Morning Preview Links

Earnings of Note
Company/Estimate
  • None of note
Economic Releases
8:30 am EST
  • The Change in Non-farm Payrolls for May is estimated at 536K versus 290K in April.
  • The Change in Private Payrolls for May is estimated at 180K versus 231K in April.
  • The Unemployment Rate for May is estimated at 9.8% versus 9.9% in April.
  • Average Hourly Earnings for May is estimated to rise +.1% versus unch. in April.
Upcoming Splits
  • None of note
Other Potential Market Movers
  • The Treasury's Geithner speaking, ASCO, (WMT) shareholders meeting, Goldman Sachs Basic Materials Conference, RBC Consumer/Retail Conference and the Sanford C. Bernstein Strategic Decisions Conference could also impact trading today.
BOTTOM LINE: Asian indices are mostly lower, weighed down by commodity and financial shares in the region.

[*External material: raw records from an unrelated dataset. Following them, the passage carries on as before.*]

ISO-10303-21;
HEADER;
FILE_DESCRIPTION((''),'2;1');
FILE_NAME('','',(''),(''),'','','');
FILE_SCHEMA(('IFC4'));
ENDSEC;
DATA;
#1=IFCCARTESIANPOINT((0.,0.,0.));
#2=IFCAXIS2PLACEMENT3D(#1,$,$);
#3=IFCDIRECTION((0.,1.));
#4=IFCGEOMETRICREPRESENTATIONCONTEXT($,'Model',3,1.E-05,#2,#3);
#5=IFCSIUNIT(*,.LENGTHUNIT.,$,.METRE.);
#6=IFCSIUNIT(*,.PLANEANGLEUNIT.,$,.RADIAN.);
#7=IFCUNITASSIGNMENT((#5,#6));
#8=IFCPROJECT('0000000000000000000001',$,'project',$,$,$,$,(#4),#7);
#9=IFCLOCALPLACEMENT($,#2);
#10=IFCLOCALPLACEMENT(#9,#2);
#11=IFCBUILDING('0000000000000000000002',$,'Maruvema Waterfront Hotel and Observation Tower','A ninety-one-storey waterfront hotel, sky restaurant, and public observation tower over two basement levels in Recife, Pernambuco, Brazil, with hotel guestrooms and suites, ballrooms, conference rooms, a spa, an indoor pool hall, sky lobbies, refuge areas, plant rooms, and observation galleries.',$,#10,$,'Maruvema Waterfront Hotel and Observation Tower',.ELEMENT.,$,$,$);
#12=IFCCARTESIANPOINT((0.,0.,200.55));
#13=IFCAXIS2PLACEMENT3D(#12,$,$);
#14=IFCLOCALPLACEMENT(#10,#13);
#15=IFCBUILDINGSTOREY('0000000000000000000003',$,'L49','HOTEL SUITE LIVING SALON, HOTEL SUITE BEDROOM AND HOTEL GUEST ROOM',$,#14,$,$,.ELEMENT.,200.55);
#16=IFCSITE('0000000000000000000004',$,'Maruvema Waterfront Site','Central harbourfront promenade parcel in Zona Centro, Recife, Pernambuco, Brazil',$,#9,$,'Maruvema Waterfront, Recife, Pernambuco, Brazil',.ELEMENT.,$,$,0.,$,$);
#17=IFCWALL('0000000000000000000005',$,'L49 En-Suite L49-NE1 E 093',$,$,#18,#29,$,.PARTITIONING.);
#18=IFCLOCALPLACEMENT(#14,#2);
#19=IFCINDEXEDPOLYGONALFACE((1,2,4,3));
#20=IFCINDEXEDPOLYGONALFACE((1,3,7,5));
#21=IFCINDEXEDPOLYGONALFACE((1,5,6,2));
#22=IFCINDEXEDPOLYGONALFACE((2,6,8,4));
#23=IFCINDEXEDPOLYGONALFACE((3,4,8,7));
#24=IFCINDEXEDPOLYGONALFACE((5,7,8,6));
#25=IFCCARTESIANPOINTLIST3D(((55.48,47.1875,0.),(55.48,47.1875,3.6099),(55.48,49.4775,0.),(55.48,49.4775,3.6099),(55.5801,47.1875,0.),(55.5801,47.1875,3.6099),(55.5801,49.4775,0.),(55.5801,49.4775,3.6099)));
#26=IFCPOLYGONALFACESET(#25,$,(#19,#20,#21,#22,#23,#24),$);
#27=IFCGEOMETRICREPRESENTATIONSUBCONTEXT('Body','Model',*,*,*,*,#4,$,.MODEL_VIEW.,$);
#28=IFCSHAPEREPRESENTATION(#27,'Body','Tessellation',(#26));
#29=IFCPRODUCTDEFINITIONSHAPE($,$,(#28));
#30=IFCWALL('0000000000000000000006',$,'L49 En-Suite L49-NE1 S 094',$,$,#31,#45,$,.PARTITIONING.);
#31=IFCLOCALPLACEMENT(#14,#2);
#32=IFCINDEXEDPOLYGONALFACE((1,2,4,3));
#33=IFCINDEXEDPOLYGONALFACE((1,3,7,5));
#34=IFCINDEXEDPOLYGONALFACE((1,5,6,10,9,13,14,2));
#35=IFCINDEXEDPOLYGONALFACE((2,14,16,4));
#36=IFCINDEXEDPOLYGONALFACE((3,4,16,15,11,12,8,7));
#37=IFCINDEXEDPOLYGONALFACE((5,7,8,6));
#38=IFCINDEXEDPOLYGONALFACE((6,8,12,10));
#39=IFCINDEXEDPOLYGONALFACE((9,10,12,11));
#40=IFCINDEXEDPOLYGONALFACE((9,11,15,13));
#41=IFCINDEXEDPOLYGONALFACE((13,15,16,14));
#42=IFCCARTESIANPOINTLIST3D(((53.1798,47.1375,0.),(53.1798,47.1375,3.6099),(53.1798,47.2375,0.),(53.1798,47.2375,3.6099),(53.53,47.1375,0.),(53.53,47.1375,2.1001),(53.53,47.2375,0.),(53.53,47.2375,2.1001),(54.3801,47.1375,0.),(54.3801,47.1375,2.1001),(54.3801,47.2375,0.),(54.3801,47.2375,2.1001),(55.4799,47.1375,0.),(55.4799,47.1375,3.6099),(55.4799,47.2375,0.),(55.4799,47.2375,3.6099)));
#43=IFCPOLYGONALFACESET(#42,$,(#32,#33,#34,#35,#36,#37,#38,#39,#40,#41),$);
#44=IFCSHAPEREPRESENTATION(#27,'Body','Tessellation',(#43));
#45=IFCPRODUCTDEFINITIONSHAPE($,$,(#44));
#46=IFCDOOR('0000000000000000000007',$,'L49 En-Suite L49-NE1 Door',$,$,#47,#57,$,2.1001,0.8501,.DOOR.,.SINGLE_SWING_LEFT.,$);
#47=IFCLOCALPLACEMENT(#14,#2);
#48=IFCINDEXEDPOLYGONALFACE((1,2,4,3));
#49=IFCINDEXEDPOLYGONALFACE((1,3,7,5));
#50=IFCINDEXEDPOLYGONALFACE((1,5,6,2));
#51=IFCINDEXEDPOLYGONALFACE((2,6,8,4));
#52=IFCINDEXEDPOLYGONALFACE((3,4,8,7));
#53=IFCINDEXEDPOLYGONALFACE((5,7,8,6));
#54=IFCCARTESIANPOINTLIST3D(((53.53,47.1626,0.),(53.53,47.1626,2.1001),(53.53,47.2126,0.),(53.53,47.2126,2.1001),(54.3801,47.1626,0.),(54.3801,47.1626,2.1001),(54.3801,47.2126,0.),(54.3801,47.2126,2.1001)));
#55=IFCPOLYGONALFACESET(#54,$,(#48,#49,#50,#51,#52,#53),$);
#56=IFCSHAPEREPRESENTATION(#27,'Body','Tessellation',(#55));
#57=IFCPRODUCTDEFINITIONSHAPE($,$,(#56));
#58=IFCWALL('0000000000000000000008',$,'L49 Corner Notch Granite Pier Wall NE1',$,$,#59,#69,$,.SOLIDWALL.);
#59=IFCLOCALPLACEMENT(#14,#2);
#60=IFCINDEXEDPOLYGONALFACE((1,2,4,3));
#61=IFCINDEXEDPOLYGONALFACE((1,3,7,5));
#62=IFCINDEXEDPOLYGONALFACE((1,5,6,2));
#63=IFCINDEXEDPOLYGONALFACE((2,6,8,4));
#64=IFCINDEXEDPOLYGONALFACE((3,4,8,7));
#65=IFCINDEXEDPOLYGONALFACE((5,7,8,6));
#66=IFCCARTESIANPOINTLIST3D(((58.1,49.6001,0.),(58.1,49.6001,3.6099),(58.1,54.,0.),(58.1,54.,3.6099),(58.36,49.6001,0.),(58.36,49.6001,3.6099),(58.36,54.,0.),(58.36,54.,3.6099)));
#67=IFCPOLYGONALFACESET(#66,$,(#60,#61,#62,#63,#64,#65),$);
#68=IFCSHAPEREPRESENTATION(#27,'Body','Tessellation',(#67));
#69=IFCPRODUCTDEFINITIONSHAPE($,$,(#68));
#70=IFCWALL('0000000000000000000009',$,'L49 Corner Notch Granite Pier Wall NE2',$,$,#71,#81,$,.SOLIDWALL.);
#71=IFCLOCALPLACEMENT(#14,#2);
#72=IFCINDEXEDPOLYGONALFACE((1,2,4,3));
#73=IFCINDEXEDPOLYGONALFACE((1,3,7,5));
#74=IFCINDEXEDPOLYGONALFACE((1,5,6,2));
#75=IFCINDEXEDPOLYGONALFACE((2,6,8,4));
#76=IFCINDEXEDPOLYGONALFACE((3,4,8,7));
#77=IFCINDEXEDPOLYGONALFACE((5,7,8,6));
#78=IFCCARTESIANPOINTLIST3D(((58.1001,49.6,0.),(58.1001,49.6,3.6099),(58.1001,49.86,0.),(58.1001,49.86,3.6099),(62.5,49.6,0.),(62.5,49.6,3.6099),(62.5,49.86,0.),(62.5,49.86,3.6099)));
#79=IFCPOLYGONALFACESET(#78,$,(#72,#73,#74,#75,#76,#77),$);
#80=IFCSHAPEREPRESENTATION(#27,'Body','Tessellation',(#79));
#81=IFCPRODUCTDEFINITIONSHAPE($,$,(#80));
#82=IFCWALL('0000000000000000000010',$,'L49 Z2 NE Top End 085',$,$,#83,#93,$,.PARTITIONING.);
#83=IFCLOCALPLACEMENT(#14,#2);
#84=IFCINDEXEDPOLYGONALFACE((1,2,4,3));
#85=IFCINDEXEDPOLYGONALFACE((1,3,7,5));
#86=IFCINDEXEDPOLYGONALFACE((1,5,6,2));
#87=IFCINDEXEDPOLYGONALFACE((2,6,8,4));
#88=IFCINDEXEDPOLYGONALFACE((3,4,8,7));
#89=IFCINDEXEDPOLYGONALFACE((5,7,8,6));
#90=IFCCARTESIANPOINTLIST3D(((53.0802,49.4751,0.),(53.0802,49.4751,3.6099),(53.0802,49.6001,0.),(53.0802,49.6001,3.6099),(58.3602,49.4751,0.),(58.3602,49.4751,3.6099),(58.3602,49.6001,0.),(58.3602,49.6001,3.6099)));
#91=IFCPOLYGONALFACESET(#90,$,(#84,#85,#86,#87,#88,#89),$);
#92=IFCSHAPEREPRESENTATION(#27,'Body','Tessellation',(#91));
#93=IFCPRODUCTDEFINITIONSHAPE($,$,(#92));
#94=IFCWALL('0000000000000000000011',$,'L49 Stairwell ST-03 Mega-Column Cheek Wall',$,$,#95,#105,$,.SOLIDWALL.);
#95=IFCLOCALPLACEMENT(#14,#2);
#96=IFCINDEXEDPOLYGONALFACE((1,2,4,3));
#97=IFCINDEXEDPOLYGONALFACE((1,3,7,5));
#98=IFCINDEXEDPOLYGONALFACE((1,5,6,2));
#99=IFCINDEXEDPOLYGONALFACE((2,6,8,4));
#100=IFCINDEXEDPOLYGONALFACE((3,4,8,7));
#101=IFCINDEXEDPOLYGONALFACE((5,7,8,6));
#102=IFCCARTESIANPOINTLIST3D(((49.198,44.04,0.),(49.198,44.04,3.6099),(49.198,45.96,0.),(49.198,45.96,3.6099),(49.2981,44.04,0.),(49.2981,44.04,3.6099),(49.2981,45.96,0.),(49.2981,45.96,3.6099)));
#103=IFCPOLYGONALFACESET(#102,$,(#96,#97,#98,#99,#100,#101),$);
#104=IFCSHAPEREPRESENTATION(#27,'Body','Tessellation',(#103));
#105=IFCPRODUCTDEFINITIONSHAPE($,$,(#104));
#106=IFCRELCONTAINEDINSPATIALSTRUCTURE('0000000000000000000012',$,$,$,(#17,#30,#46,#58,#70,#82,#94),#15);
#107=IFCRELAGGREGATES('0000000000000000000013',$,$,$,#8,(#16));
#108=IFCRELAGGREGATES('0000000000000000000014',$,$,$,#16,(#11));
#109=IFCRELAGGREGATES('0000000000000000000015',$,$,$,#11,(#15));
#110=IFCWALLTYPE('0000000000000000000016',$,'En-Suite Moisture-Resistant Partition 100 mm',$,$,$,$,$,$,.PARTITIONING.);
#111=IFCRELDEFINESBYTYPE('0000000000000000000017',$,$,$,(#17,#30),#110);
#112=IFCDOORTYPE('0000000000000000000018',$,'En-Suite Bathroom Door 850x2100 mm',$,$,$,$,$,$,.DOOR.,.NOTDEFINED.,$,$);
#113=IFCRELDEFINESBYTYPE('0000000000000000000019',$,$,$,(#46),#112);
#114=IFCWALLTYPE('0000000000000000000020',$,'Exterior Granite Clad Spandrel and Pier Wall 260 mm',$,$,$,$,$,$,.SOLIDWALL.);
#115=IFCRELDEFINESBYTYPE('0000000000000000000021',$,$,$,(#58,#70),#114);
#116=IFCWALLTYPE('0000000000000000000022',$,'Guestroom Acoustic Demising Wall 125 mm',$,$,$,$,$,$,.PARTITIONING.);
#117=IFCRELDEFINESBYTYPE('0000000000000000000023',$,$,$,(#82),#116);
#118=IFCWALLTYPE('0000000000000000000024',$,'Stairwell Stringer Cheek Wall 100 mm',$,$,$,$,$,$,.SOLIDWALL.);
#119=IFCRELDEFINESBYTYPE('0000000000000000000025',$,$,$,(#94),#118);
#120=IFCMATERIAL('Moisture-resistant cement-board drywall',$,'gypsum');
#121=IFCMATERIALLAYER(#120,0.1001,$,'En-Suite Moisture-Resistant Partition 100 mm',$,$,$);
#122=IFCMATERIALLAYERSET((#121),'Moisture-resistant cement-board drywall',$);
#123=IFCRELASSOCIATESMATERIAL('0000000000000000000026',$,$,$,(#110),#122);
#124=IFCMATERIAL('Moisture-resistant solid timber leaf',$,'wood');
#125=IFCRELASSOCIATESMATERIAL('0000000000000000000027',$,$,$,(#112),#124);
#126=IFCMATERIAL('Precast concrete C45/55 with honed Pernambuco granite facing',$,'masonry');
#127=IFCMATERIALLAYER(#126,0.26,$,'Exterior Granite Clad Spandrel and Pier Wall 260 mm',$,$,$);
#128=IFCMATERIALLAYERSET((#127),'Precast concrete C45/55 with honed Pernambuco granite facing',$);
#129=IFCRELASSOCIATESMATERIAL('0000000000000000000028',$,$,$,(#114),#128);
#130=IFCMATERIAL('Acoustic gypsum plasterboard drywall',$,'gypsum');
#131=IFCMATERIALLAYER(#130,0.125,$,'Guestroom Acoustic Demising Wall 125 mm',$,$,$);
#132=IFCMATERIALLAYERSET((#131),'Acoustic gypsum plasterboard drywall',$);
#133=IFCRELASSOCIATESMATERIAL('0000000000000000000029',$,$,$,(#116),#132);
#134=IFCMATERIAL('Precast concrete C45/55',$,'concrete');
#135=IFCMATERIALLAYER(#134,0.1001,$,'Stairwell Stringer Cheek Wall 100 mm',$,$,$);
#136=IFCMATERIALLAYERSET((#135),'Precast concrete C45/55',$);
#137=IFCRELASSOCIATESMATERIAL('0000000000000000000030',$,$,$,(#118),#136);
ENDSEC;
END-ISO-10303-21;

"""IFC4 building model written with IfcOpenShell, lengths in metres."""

from ifc_helpers import new_model, si_unit, direction, frame, frame_2d, origin, place, context, subcontext, project, spatial, rectangle, extrude, material, layer, layer_set, type_object, element, fill, save


model = new_model("IFC4")

# Units and contexts
model_context = context("Model", 3, precision=1e-05, world=origin(), true_north=direction((0.0, 1.0)))
body_context = subcontext(model_context, "Body", "Model", "MODEL_VIEW")
ifc_project = project(units=[si_unit("LENGTHUNIT", "METRE"), si_unit("PLANEANGLEUNIT", "RADIAN")], contexts=[model_context])

# Site, building, storey
site_placement = place(None, origin())
site = spatial("IfcSite", under=ifc_project, at=site_placement, Name="Maruvema Waterfront Site", Description="Central harbourfront promenade parcel in Zona Centro, Recife, Pernambuco, Brazil", LongName="Maruvema Waterfront, Recife, Pernambuco, Brazil", CompositionType="ELEMENT", RefElevation=0.0)
building_placement = place(site_placement, origin())
building = spatial("IfcBuilding", under=site, at=building_placement, Name="Maruvema Waterfront Hotel and Observation Tower", Description="A ninety-one-storey waterfront hotel, sky restaurant, and public observation tower over two basement levels in Recife, Pernambuco, Brazil, with hotel guestrooms and suites, ballrooms, conference rooms, a spa, an indoor pool hall, sky lobbies, refuge areas, plant rooms, and observation galleries.", LongName="Maruvema Waterfront Hotel and Observation Tower", CompositionType="ELEMENT")
storey_placement = place(building_placement, frame((0.0, 0.0, 200.55)))
storey = spatial("IfcBuildingStorey", under=building, at=storey_placement, Name="L49", Description="HOTEL SUITE LIVING SALON, HOTEL SUITE BEDROOM AND HOTEL GUEST ROOM", CompositionType="ELEMENT", Elevation=200.55)

# Wall
ifc_material_1 = material(Name="Moisture-resistant cement-board drywall", Category="gypsum")
ifc_layer_1 = layer(ifc_material_1, 0.1001, Name="En-Suite Moisture-Resistant Partition 100 mm")
ifc_layer_set_1 = layer_set([ifc_layer_1], Name="Moisture-resistant cement-board drywall")
wall_type_1 = type_object("IfcWallType", Name="En-Suite Moisture-Resistant Partition 100 mm", PredefinedType="PARTITIONING", material=ifc_layer_set_1)
wall_1_placement = place(storey_placement, frame((55.53, 47.1875, 0.0), z_axis=(0.0, 0.0, 1.0), x_axis=(0.0, 1.0, 0.0)))
element("IfcWall", 1, at=wall_1_placement, inside=storey, type_object=wall_type_1, Name="L49 En-Suite L49-NE1 E 093", PredefinedType="PARTITIONING", context=body_context, shape_type="SweptSolid", body=[
    extrude(rectangle(XDim=2.29, YDim=0.1001, at=frame_2d((1.145, 0.0))), origin(), (0.0, 0.0, 1.0), 3.6099),
])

I expect US stocks to open modestly higher and to weaken into the afternoon, finishing modestly lower. The Portfolio is 75% net long heading into the day.

2 comments:

Anonymous said...

do you ever go to a short position? i have been following your comments for the last few months and notice you are either 50%, 75% or 100% long. if you do go short what would have to happen to make you reverse from long to short?

thanks!

Gary said...

My strategy does not include going net short. However, when I am 50% net long I am very insulated from downturns due to the overall construction of the portfolio. I have found that over the long-term this strategy gives me the best chance to substantially outperform the market with much less risk. Thanks for reading.